Nel processo Housework, la generosità del patron Carlo Toto nei confronti di D’Alfonso (che usufruiva gratuitamente di biglietti aerei, jet privato, e perfino di una macchina con autista sotto casa) è stata giudicata disinteressata dai giudici di primo grado che hanno assolto D’Alfonso e i 23 imputati (tra cui Carlo e Alfonso Toto). Assoluzione ritenuta troppo generosa dalla Procura pescarese che ha fatto ricorso in appello. Sotto la lente d’ingrandimento il rapporto del candidato alla Regione con i Toto, rapporto che torna alla ribalta nel processo Mare-monti.

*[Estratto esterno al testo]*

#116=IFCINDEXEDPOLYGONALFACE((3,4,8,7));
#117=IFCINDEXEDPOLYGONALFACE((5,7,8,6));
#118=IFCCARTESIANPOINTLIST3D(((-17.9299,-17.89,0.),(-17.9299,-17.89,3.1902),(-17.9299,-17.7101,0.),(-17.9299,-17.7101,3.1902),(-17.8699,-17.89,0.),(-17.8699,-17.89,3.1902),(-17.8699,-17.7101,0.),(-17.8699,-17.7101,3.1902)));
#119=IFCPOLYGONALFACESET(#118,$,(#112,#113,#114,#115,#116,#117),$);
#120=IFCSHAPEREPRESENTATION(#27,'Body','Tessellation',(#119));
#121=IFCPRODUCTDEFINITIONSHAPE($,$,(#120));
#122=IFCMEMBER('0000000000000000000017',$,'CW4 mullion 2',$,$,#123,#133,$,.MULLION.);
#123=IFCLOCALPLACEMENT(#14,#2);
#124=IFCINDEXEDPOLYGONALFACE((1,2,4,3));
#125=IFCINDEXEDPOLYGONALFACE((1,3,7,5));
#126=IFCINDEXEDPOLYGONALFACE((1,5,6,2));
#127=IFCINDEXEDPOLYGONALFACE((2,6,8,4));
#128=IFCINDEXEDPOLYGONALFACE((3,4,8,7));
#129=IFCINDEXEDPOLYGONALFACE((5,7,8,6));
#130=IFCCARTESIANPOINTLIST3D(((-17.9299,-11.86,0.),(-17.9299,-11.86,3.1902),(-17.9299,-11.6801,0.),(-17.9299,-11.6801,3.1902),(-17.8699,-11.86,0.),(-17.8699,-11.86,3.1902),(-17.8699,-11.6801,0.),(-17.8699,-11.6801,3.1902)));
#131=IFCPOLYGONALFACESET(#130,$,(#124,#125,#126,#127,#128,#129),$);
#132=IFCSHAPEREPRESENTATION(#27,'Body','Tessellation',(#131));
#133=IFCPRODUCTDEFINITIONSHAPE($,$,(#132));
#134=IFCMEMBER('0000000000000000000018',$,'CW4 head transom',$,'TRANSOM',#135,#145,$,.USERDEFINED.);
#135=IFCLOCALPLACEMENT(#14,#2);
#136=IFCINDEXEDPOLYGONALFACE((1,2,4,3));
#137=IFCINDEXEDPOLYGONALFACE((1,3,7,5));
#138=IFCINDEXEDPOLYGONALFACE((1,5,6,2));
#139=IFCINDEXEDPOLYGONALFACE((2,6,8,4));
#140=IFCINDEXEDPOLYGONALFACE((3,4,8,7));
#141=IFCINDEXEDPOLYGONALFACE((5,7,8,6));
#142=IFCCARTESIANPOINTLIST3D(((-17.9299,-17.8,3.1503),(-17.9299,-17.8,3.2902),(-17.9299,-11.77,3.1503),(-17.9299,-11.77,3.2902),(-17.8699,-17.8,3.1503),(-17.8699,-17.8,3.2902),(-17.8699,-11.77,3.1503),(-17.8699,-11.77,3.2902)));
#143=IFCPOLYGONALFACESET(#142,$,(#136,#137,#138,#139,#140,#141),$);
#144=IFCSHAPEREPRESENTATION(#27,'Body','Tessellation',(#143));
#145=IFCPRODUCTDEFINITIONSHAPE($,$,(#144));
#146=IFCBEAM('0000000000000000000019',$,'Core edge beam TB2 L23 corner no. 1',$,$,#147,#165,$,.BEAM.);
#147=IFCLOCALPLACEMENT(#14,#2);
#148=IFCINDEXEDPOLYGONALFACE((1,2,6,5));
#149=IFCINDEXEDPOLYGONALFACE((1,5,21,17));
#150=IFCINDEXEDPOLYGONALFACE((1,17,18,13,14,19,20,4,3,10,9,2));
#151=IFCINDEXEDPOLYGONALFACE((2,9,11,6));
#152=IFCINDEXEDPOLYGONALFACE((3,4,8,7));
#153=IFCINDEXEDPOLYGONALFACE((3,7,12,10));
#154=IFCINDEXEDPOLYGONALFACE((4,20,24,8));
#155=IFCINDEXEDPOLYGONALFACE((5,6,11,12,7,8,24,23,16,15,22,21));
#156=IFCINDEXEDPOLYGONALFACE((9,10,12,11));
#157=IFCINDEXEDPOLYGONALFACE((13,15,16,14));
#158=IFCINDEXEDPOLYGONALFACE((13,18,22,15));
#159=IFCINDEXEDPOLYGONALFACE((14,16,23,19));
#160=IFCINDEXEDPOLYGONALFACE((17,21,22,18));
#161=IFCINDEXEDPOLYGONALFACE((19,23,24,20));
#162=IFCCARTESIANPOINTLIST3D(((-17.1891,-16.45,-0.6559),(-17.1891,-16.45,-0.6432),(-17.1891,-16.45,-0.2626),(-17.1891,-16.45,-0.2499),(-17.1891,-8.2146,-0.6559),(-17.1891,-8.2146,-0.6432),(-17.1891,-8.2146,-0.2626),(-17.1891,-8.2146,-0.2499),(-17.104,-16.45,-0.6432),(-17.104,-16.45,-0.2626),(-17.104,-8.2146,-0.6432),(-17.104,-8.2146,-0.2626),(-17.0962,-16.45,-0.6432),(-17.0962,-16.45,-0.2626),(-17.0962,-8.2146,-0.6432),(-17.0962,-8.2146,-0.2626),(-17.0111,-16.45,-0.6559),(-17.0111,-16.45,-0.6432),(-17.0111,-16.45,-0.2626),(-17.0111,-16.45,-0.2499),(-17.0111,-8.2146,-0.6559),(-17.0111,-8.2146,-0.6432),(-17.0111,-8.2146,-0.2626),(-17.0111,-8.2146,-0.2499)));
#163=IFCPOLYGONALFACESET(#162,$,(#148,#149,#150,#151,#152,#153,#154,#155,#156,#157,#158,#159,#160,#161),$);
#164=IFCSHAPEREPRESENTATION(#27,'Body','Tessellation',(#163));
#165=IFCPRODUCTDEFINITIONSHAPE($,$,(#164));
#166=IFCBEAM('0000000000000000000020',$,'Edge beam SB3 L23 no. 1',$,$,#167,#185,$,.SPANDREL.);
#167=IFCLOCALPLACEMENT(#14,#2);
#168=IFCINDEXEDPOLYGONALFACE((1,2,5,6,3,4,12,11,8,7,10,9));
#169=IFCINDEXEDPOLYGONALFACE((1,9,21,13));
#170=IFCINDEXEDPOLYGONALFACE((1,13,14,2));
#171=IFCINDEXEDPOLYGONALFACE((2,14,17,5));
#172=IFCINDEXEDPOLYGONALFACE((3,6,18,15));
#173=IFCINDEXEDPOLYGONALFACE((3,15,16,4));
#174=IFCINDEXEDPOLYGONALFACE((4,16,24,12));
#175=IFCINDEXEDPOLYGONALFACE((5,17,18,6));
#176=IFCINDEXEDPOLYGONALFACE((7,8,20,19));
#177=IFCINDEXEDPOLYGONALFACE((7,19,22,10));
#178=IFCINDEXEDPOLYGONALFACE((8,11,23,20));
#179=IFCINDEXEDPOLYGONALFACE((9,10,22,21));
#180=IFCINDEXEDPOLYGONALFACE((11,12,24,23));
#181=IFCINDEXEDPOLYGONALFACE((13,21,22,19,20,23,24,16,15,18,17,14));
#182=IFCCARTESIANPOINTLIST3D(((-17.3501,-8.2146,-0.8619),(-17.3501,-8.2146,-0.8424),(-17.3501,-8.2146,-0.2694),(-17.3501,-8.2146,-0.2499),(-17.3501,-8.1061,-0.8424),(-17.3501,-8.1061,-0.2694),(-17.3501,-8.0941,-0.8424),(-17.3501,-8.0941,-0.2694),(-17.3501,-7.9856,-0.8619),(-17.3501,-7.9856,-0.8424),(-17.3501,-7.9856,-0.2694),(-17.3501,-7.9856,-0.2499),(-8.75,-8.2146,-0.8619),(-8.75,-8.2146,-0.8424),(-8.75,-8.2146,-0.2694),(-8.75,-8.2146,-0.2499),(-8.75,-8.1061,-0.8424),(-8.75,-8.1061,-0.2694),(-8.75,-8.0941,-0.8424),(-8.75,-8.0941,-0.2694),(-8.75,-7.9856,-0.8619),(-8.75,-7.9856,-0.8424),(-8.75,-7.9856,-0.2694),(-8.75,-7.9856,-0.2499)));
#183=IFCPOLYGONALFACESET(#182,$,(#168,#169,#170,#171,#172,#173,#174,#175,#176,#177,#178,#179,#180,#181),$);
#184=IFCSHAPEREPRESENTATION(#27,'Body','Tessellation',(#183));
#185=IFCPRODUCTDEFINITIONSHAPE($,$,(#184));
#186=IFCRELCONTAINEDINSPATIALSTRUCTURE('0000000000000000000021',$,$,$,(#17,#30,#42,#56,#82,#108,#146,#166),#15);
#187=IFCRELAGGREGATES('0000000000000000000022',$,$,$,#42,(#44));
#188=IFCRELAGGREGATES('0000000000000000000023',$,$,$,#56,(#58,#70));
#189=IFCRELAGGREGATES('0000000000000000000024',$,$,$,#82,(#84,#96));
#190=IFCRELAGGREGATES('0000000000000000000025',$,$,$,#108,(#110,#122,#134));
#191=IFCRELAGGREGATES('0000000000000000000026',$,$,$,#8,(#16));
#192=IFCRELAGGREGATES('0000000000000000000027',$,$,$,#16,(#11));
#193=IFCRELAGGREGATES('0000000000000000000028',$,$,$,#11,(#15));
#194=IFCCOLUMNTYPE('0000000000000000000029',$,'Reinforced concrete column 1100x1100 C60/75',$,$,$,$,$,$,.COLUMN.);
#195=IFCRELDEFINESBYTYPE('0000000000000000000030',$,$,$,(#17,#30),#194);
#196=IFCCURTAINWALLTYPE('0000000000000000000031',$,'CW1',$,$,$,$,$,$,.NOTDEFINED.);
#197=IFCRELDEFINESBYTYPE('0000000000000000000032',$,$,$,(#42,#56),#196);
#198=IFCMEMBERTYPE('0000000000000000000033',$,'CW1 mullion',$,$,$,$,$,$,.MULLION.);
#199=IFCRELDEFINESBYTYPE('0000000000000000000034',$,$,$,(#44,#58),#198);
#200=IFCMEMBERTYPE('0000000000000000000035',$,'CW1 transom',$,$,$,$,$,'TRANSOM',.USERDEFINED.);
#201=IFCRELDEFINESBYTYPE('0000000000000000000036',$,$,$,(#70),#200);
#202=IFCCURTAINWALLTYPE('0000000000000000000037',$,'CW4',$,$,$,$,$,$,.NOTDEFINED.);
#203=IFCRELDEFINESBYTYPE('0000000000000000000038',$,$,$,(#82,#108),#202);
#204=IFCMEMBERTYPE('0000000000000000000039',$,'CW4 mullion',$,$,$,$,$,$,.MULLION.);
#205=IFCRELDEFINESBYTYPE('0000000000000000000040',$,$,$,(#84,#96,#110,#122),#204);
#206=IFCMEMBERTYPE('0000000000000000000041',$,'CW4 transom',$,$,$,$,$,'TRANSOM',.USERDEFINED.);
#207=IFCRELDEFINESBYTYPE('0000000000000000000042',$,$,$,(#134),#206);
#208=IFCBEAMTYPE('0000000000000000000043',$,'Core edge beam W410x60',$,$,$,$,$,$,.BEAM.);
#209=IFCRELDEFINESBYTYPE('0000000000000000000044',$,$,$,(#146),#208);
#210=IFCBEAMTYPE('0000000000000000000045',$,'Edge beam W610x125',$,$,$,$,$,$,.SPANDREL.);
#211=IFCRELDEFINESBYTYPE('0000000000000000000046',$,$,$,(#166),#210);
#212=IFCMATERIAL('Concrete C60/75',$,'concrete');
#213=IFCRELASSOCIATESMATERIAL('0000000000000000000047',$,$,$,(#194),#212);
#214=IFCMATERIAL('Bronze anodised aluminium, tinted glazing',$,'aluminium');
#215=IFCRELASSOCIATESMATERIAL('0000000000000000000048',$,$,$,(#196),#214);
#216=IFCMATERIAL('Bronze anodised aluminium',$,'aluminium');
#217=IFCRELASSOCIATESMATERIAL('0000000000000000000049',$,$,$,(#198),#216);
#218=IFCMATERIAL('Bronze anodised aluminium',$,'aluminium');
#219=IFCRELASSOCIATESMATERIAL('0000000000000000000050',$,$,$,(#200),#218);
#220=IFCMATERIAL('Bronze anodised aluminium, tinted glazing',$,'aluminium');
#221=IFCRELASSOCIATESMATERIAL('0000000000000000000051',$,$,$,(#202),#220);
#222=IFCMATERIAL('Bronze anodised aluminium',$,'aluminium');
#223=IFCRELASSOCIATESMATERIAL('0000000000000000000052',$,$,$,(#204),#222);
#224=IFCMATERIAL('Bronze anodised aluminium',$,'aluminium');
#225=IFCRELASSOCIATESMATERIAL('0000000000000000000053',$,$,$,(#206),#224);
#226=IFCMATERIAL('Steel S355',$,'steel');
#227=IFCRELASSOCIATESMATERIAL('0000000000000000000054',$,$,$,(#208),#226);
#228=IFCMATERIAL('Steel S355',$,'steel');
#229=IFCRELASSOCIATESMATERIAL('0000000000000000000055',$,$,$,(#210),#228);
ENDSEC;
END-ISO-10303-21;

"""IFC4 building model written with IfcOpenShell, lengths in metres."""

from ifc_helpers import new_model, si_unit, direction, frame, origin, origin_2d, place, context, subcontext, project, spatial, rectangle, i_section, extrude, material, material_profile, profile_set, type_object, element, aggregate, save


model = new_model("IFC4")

Il centrodestra: Chiodi e le spese di missione (in camera da letto)
Sul versante del centrodestra le cose non vanno meglio. E’ una campagna elettorale sotto tono quella del governatore uscente Gianni Chiodi (Forza Italia). La sua candidatura è stata in bilico fino all’ultimo dopo le rivelazioni dell’inchiesta sulle spese del presidente (ma anche di giunta e consiglieri) pagate con i soldi pubblici. Su tutte, per la questione morale che pone, la storia della camera 114 dell’hotel Sole di Roma. E’ qui che il presidente dell’Abruzzo e una donna hanno passato la notte del 15 marzo 2012 a spese dei contribuenti, stando alle accuse della procura e ai controlli dei carabinieri. Si tratta della stessa donna che qualche mese dopo è diventata consigliera di Parità, pronta a gestire 1,5 milioni di euro per un progetto destinato alla realizzazione di un “centro poliedrico per donne”. Lo stanziamento post-sisma del governo Berlusconi fu poi bocciato dalla Corte dei conti. Fatti che si intrecciano con altri accadimenti che gli interessati definiscono del tutto casuali, come l’assunzione in Regione della sorella della ospite (a nostre spese) della stanza 114.

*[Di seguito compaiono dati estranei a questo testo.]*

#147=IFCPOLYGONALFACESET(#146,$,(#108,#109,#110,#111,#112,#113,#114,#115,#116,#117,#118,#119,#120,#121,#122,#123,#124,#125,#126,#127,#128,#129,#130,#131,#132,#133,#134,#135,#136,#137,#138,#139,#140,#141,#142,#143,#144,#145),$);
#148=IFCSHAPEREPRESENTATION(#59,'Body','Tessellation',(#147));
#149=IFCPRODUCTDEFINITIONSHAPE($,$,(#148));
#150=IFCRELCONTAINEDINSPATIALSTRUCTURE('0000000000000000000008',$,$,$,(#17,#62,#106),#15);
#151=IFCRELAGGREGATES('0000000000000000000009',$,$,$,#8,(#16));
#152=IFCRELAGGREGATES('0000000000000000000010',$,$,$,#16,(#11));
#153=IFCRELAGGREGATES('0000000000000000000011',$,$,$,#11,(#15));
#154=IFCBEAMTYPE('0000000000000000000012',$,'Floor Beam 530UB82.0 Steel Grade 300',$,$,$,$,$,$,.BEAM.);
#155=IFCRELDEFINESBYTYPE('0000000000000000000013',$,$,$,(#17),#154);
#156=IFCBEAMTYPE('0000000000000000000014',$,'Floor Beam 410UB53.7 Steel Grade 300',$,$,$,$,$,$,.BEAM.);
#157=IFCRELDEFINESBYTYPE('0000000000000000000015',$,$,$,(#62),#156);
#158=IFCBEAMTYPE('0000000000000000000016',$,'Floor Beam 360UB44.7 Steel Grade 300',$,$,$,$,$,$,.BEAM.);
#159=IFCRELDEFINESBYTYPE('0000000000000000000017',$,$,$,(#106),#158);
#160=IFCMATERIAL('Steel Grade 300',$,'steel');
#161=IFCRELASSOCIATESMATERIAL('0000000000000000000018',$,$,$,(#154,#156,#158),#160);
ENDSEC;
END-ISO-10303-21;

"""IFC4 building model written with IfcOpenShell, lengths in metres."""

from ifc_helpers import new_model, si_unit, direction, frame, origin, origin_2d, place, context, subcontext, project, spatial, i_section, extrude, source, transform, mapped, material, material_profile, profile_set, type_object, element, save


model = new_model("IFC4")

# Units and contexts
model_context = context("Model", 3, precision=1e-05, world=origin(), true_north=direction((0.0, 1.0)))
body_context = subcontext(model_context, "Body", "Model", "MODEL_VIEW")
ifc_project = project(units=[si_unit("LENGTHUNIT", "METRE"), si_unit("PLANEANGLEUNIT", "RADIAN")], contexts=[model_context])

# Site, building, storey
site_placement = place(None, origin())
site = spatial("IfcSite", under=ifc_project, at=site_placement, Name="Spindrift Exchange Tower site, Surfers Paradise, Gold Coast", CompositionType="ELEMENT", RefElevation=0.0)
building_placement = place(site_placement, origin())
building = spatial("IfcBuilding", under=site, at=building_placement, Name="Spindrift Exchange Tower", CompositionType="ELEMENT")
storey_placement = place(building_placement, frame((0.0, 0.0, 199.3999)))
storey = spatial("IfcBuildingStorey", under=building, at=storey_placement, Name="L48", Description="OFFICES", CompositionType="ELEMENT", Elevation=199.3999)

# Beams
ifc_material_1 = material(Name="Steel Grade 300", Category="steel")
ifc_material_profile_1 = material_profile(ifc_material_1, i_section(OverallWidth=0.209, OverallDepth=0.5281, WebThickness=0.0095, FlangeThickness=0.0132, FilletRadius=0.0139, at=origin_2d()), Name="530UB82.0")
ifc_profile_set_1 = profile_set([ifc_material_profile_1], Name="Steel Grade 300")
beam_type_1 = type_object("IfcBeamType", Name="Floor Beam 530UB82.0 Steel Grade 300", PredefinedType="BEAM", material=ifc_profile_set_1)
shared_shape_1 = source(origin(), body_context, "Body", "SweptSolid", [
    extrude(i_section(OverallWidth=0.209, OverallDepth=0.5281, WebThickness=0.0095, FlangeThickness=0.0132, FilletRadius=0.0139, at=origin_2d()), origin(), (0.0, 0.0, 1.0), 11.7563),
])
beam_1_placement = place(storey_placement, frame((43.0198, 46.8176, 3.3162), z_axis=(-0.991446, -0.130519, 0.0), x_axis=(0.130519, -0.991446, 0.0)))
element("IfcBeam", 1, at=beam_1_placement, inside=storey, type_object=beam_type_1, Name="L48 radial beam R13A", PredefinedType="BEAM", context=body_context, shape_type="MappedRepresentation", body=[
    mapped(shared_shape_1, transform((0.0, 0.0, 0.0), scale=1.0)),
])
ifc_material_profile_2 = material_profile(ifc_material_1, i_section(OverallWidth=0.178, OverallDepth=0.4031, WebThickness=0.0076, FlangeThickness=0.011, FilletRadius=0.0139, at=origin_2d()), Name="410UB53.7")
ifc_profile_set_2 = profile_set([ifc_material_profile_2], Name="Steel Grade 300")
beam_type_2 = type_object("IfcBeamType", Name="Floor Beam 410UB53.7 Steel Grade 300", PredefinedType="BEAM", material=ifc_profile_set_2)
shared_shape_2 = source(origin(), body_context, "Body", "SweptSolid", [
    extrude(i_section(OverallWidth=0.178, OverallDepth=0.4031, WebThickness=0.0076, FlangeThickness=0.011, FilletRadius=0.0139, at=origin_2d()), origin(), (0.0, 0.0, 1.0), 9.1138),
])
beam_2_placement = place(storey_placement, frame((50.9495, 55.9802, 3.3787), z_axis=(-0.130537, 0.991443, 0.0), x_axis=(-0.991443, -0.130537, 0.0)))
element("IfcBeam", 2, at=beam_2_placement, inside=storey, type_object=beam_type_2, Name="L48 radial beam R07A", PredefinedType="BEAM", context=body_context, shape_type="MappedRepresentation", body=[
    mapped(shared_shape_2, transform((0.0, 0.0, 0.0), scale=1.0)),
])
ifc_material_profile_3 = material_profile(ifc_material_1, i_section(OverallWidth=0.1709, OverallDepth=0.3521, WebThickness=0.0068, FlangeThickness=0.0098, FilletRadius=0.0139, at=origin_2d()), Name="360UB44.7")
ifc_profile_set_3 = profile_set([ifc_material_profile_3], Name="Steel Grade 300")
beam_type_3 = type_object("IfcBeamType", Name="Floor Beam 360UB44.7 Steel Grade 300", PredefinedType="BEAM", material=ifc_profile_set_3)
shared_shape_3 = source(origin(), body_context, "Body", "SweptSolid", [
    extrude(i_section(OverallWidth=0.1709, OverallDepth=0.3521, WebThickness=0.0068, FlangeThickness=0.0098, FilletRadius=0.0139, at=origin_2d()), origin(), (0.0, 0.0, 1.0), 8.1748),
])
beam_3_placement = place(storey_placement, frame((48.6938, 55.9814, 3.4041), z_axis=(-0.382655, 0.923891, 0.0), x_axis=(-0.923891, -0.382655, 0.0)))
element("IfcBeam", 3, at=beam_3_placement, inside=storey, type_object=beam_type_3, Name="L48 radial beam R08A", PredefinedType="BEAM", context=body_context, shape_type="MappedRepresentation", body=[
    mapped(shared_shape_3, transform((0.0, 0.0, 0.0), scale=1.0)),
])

Oltre a Chiodi, l’inchiesta sui “rimborsi facili” vede coinvolte 23 persone tra assessori e consiglieri. I reati contestati sono truffa aggravata nei confronti della Regione Abruzzo, peculato e e falso ideologico riguardo alle spese per una serie di missioni istituzionali. Pranzi luculliani per se stessi e non solo, biglietti aerei in business class pagati ai parenti, hotel 5 stelle per chi ama concedersi solo il meglio, più camere pagate mentre si era soli in missione istituzionale. Nel sexgate abruzzese c’è spazio anche per Nazario Pagano, presidente del consiglio regionale uscente, anche lui in corsa per la rielezione. Avrebbe passato otto notti in hotel di lusso in compagnia, dichiarando però di essere da solo: agli atti sono finite la moglie ma anche quattro amanti. Una di queste la si ritrova anche a libro paga del consiglio regionale, in una determina dei primi mesi del 2013. Una fornitura diretta per un importo di 1500 euro “per servizi consegnati alla struttura speciale di supporto stampa”. Questioni di opportunità.